= Elisha Carter =

British chef

Elisha Carter (born 6 October 1969) is a British chef who appeared in the BBC television series Great British Menu in 2008. He is Head Chef at The Landau restaurant located in The Langham, London.

==Biography==
Carter was born in North London, and got his love of food from his mother. He went to Pimlico School where he studied Home Economics at General Certificate of Education O-Level and for a Certificate of Pre-Vocational Education in Hospitality. As part of his studies, he went on a work experience placement for two weeks to Shell House to work in the directors' private dining room, which prompted him to decide to be a chef.

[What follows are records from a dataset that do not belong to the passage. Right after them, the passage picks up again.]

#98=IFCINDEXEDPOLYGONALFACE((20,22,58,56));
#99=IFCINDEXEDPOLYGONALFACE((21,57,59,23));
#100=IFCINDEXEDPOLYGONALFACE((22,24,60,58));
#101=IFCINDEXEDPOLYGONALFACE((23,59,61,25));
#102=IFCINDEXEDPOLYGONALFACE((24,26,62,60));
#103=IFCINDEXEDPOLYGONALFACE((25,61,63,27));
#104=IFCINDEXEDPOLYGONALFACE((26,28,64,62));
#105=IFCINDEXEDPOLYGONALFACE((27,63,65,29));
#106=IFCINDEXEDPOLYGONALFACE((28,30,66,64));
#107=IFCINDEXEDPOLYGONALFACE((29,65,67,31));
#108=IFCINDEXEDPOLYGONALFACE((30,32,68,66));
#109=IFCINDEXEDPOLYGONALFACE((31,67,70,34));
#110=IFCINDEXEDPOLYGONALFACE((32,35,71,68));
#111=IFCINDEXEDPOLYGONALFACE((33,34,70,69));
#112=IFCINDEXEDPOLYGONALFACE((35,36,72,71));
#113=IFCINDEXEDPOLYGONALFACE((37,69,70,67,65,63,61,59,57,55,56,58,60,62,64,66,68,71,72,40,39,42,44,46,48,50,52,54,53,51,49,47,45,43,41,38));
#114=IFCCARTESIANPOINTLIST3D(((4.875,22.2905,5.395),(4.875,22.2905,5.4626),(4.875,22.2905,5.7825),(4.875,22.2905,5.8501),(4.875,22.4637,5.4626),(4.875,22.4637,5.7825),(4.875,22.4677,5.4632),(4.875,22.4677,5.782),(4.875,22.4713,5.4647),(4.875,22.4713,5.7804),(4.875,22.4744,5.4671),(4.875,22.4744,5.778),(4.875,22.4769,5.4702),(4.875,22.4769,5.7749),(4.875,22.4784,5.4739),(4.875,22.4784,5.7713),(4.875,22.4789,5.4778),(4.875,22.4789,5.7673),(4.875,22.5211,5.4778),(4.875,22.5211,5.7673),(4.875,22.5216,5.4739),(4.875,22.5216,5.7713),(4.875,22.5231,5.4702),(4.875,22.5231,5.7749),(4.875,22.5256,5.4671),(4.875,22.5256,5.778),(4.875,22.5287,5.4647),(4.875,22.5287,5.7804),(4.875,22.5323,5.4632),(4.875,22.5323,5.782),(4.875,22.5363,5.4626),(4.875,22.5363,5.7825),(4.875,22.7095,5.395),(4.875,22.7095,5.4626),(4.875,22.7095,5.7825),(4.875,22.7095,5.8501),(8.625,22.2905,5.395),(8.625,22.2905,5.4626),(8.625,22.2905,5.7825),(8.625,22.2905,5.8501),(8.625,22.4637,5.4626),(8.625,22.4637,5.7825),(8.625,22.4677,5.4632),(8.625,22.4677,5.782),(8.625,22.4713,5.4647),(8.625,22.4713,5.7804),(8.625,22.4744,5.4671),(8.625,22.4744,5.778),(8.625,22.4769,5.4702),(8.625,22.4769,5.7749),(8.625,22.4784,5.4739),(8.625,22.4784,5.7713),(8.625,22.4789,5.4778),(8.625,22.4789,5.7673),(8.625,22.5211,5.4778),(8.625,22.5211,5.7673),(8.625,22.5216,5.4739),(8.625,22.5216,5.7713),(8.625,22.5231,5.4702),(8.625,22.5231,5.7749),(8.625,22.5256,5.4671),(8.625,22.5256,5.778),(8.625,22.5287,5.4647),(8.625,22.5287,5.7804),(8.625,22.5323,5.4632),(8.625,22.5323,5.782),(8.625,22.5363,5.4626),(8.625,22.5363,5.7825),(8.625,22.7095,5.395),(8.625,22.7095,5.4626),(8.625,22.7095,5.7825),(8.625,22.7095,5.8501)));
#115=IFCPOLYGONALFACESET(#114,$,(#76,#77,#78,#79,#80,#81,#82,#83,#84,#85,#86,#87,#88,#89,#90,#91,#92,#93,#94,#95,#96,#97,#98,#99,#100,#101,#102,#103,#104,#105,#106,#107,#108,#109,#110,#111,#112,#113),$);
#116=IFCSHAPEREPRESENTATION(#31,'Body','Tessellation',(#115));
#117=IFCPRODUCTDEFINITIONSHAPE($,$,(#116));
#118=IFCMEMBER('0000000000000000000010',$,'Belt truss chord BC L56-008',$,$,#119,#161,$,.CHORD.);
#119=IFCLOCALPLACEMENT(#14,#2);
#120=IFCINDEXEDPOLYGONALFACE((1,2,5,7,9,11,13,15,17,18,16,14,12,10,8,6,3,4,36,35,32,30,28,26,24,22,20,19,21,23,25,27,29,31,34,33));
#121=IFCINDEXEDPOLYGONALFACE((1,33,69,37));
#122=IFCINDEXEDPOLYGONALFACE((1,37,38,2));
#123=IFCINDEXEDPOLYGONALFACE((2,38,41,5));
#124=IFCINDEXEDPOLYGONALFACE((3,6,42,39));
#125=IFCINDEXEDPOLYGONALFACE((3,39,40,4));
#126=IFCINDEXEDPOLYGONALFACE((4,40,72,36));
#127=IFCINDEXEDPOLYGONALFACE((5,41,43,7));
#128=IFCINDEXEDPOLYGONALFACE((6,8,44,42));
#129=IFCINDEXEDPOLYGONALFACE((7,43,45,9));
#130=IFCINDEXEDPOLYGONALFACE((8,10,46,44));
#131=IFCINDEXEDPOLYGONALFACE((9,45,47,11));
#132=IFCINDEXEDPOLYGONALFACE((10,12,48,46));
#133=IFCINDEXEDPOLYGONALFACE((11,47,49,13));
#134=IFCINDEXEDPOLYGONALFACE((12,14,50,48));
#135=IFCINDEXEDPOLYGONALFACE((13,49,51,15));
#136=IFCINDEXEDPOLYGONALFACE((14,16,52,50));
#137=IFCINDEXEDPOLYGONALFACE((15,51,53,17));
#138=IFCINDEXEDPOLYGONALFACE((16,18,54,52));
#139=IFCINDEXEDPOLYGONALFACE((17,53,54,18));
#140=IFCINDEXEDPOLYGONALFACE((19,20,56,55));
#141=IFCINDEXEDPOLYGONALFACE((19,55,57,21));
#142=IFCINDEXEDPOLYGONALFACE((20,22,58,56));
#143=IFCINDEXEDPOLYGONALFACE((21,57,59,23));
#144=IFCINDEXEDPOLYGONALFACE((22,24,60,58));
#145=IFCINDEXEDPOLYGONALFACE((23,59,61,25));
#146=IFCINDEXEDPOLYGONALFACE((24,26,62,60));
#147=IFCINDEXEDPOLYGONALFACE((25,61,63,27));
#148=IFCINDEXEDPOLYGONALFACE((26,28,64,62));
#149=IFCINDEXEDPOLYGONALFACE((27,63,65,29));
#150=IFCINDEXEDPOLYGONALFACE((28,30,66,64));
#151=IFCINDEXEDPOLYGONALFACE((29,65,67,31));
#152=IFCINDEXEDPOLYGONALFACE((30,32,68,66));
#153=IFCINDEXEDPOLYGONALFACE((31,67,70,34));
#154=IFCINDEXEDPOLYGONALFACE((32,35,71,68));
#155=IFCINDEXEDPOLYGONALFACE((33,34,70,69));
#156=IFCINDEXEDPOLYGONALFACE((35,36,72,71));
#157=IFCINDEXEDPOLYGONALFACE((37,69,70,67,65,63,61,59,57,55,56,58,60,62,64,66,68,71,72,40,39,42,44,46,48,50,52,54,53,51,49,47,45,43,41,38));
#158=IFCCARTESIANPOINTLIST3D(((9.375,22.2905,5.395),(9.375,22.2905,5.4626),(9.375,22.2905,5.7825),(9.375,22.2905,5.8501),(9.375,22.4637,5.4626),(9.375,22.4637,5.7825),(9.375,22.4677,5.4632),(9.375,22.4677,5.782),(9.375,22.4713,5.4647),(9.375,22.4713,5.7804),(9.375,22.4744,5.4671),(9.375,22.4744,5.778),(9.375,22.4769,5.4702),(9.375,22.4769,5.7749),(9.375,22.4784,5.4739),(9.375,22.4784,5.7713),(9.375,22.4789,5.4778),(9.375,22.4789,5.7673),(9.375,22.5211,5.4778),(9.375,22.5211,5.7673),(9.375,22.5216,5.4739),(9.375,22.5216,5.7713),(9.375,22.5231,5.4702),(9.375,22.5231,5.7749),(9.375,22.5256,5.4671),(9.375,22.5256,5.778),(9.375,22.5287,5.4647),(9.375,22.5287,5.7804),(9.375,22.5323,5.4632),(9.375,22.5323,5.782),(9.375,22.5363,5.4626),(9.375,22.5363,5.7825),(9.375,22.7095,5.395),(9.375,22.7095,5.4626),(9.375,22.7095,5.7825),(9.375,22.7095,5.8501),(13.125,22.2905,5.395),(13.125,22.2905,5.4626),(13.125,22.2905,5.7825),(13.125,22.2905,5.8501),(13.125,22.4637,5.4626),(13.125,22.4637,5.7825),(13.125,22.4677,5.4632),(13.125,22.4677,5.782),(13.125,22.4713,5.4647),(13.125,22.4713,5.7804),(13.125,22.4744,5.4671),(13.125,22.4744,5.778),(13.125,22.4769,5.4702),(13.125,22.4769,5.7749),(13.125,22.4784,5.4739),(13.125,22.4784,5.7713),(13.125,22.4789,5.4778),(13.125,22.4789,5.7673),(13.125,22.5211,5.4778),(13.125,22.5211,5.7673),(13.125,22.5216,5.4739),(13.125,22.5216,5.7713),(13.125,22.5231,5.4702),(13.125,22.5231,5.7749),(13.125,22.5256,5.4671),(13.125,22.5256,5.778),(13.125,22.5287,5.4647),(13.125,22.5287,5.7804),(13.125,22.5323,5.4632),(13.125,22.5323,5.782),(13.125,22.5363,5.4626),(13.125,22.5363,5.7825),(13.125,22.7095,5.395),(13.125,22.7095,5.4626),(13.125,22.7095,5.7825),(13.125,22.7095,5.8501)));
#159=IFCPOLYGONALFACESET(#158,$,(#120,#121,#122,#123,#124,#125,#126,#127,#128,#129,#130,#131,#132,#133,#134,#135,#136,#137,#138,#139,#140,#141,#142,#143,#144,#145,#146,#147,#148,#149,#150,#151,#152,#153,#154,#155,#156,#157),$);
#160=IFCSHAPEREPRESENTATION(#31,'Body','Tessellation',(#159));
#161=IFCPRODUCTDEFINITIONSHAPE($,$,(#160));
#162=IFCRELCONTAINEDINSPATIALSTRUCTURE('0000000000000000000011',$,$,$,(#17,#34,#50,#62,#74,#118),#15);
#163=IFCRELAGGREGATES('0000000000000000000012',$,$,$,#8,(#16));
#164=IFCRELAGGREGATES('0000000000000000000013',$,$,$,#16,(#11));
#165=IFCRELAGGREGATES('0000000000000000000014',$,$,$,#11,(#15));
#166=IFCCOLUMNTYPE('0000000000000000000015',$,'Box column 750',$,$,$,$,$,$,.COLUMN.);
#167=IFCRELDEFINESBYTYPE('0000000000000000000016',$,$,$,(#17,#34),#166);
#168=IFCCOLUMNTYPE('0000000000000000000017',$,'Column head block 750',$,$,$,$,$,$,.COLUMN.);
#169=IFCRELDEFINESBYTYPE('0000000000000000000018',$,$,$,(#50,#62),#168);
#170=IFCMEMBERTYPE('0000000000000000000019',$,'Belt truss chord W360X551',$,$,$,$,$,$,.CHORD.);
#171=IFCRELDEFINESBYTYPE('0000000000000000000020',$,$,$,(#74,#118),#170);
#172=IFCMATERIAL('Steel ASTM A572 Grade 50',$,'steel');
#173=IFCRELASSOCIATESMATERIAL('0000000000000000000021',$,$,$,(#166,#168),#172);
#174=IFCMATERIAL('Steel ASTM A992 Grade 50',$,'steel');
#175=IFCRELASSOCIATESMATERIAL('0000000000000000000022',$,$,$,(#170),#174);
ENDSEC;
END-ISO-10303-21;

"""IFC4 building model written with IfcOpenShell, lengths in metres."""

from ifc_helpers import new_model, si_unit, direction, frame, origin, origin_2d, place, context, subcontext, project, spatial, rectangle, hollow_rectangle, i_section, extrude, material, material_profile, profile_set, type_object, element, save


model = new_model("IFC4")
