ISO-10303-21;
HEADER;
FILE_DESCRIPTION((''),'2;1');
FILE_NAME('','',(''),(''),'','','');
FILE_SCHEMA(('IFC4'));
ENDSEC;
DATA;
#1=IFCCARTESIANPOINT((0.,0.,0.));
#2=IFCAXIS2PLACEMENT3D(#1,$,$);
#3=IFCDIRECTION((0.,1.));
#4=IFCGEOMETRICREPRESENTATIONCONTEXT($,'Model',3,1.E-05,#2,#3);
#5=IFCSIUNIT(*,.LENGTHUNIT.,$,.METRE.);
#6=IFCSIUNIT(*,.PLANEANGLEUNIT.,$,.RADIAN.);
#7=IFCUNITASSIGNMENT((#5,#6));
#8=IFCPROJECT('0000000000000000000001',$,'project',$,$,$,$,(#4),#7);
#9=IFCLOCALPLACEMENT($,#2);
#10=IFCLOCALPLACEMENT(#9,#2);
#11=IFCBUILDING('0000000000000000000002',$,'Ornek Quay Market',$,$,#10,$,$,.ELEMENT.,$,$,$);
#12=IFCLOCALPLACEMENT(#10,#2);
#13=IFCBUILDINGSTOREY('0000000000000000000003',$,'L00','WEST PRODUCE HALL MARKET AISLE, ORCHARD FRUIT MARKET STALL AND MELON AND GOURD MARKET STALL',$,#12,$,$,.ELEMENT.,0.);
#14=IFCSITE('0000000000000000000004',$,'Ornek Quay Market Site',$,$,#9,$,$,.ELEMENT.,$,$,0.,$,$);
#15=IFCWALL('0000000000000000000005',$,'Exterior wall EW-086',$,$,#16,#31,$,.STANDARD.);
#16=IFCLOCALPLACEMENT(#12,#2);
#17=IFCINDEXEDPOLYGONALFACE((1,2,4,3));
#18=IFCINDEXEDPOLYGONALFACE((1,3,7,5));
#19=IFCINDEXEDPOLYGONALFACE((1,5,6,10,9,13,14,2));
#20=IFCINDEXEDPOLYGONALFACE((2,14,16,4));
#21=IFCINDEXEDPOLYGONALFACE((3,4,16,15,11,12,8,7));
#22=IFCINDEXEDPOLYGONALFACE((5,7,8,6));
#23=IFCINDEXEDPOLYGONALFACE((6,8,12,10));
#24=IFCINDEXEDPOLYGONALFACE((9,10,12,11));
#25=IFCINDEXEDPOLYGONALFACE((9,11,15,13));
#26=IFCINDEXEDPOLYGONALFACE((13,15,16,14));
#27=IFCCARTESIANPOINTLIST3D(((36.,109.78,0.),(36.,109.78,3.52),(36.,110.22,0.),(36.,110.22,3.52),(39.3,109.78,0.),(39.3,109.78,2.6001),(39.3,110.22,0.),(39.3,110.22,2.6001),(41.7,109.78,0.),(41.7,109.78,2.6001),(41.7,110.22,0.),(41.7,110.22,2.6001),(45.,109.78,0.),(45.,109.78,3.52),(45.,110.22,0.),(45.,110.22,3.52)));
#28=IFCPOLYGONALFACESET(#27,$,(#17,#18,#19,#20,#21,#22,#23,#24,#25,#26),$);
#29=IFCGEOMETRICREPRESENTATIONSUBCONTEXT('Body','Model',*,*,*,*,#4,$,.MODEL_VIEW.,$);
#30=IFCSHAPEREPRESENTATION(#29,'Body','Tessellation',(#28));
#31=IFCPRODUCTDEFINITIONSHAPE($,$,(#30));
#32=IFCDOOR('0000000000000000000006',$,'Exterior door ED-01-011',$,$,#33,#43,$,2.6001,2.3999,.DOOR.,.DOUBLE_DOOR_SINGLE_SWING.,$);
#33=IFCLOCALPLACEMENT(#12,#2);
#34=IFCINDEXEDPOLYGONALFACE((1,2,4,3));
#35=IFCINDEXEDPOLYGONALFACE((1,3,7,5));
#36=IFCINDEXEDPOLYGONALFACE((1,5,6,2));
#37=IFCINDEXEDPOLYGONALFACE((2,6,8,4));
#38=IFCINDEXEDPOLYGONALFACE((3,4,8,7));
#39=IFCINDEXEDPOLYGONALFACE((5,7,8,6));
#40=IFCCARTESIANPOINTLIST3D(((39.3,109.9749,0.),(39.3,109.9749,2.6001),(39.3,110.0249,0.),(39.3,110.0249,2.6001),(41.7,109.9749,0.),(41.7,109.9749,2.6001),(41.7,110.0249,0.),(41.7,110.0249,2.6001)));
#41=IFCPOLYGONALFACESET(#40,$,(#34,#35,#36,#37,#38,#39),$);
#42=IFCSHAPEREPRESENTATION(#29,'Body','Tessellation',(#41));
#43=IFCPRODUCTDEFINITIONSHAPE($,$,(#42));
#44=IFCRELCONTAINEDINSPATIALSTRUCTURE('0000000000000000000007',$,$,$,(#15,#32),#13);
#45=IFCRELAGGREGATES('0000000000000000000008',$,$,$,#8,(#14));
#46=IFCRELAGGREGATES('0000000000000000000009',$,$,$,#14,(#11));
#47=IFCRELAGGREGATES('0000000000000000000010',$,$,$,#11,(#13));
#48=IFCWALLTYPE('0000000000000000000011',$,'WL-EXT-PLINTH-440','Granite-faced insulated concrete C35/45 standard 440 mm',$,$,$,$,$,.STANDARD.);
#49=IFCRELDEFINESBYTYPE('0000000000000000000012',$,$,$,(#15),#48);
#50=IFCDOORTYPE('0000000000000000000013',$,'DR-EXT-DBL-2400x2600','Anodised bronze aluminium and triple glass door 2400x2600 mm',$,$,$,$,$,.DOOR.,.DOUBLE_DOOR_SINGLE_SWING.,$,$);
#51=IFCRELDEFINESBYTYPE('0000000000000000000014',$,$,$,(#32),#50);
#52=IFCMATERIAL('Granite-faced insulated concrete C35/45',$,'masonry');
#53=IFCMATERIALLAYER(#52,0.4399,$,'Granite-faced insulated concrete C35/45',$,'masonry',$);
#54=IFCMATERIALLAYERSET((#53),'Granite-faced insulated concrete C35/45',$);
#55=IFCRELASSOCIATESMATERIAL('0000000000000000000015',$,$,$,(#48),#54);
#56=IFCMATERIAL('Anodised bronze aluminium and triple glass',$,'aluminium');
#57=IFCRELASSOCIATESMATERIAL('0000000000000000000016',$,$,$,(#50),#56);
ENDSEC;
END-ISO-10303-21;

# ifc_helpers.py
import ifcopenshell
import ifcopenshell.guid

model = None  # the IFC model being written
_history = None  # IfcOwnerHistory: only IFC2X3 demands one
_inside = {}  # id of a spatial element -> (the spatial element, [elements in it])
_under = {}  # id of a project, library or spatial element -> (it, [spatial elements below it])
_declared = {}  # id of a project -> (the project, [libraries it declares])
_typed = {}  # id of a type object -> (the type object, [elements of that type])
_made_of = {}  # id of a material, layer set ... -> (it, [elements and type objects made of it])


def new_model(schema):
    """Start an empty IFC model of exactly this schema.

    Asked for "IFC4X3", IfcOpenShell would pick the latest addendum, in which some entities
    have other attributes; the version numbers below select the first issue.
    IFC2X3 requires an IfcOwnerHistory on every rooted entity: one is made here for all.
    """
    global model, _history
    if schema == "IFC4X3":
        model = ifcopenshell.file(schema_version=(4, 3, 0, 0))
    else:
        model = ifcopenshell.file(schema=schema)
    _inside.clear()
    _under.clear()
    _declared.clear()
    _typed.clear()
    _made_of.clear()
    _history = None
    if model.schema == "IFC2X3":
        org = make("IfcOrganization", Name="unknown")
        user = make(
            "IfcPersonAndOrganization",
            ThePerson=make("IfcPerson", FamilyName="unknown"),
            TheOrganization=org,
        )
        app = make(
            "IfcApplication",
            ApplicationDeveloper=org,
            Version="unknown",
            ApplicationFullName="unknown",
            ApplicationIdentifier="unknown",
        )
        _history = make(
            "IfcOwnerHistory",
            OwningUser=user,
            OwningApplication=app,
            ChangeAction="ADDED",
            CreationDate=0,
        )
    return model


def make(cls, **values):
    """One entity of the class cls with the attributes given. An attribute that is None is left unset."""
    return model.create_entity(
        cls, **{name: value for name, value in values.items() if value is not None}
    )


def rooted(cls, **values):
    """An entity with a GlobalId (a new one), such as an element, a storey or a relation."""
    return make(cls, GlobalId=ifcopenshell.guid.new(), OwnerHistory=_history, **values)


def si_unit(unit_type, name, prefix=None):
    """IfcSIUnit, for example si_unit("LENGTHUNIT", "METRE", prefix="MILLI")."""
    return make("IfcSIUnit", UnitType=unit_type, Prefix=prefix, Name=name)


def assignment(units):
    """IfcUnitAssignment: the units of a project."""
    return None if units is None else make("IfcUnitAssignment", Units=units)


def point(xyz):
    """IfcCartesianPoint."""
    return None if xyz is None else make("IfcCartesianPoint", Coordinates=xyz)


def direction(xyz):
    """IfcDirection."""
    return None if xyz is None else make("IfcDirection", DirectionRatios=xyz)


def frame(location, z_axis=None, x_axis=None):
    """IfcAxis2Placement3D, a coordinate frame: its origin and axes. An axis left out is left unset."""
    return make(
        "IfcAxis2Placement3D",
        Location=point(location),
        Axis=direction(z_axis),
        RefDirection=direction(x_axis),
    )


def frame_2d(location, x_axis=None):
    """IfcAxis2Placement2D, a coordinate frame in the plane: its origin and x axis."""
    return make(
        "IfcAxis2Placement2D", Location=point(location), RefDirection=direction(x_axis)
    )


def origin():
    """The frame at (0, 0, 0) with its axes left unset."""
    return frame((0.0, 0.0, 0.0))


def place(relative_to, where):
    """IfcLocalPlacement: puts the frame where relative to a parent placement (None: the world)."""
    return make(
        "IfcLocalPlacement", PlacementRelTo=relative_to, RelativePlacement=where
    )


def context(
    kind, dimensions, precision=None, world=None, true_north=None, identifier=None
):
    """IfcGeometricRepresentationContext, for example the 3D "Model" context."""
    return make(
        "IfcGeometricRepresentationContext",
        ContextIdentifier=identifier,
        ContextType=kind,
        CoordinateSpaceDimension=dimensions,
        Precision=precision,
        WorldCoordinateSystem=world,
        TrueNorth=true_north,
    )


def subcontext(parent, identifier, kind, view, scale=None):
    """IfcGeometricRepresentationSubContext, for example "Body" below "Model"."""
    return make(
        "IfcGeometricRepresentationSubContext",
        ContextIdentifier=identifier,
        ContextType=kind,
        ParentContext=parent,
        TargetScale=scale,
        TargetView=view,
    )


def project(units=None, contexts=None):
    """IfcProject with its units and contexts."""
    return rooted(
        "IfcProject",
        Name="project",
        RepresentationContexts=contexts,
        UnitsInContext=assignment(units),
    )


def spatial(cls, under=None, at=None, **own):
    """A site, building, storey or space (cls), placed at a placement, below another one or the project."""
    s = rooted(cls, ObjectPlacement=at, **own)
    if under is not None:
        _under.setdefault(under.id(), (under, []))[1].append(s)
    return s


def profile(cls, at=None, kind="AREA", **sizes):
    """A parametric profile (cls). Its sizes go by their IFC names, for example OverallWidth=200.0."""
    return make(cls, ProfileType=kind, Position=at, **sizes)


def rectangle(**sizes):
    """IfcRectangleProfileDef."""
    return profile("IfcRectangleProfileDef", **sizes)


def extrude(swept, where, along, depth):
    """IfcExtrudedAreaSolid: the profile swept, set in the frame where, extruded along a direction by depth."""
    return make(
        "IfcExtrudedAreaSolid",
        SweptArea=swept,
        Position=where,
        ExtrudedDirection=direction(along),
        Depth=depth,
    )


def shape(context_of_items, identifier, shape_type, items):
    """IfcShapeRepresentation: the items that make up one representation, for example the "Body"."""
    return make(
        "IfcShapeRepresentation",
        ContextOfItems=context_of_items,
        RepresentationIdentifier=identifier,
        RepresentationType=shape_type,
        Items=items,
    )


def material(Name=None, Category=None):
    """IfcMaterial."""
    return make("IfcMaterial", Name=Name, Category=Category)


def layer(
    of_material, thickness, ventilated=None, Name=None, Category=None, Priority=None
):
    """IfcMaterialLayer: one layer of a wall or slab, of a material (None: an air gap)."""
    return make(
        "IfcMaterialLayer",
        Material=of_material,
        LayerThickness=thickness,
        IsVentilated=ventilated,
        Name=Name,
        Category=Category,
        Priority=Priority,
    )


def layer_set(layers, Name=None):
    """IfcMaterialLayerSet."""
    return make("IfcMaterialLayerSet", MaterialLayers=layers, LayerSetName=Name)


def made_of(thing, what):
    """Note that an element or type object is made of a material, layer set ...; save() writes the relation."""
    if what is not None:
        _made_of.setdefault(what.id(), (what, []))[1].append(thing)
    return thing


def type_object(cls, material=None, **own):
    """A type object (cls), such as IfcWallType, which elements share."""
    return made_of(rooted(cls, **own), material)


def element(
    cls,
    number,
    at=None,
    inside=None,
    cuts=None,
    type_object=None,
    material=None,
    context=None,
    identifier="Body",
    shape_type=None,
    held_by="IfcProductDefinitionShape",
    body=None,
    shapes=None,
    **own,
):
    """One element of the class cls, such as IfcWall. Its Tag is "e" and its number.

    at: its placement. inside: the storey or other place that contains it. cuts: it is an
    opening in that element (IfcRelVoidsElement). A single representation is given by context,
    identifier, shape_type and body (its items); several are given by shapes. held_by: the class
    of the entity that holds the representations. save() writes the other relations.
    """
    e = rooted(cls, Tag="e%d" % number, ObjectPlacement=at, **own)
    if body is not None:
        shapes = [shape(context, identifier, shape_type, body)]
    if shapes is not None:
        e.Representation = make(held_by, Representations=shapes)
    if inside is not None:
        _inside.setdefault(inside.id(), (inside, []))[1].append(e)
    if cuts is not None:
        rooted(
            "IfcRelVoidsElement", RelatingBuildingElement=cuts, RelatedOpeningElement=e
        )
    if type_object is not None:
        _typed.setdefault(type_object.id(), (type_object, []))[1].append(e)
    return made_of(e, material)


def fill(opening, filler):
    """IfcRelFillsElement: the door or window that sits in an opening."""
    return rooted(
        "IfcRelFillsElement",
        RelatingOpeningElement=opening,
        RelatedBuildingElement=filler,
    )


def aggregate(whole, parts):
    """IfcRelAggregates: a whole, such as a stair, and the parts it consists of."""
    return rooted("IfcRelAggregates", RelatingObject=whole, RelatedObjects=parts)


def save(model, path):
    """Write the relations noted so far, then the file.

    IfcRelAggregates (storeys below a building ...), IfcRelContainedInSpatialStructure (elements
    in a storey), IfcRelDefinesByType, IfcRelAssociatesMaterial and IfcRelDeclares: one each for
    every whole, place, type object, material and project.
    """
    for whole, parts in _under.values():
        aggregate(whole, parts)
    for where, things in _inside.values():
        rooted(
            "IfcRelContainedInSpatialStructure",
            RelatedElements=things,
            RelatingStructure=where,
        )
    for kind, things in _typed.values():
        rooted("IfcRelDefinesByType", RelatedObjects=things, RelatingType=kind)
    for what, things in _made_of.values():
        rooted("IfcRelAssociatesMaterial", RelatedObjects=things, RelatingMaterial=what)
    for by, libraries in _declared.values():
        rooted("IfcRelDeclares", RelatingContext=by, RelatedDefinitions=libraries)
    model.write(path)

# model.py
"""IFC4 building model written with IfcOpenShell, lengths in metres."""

from ifc_helpers import new_model, si_unit, direction, frame, frame_2d, origin, place, context, subcontext, project, spatial, rectangle, extrude, material, layer, layer_set, type_object, element, fill, save


model = new_model("IFC4")

# Units and contexts
model_context = context("Model", 3, precision=1e-05, world=origin(), true_north=direction((0.0, 1.0)))
body_context = subcontext(model_context, "Body", "Model", "MODEL_VIEW")
ifc_project = project(units=[si_unit("LENGTHUNIT", "METRE"), si_unit("PLANEANGLEUNIT", "RADIAN")], contexts=[model_context])

# Site, building, storey
site_placement = place(None, origin())
site = spatial("IfcSite", under=ifc_project, at=site_placement, Name="Ornek Quay Market Site", CompositionType="ELEMENT", RefElevation=0.0)
building_placement = place(site_placement, origin())
building = spatial("IfcBuilding", under=site, at=building_placement, Name="Ornek Quay Market", CompositionType="ELEMENT")
storey_placement = place(building_placement, origin())
storey = spatial("IfcBuildingStorey", under=building, at=storey_placement, Name="L00", Description="WEST PRODUCE HALL MARKET AISLE, ORCHARD FRUIT MARKET STALL AND MELON AND GOURD MARKET STALL", CompositionType="ELEMENT", Elevation=0.0)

Carter started his career with a two-year apprenticeship at the Ritz Hotel. He then became a commis chef at the Gleneagles Hotel in Scotland where he stayed for over a year, and in 1992, he went to work at John Burton Race's two-Michelin-starred restaurant L'Ortolan in Reading, Berkshire. Burton Race sent him to train with Raymond Blanc at his two-Michelin-starred restaurant Le Manoir aux Quat' Saisons in Oxfordshire and at Ledoyen in Paris. In 1997, Carter returned to London to work at Leith's restaurant and then for Richard Corrigan at Lyndsay House, Soho, and at the Foliage restaurant at the Mandarin Oriental Hotel. He came to prominence as head chef at Lola's in Islington in 2003, where his signature dish was Duck Three Ways, a boned duck separated into three parts, with each cooked in a different way. He later became the head chef at the Silk restaurant at the Courthouse Hotel Kempinski in Great Marlborough Street, and then head chef at the Sharpham Park restaurant at Charlton House hotel in Somerset. He was awarded the "Somerset Life" Chef of the year 2007 and awarded the Silver Medal for Bath chef of the year 2007. In September 2008 he moved to The Landau's kitchens and in October 2009 became Head Chef.

Giles Coren, restaurant critic of The Times, described him in 2005 as being "...a young chef of mercurial genius...". Carter featured on the BBC television programme Indian Food Made Easy, and appeared in the BBC television series Great British Menu in 2008, where he lost to Chris Horridge, head chef at The Bath Priory hotel, in the South West region final.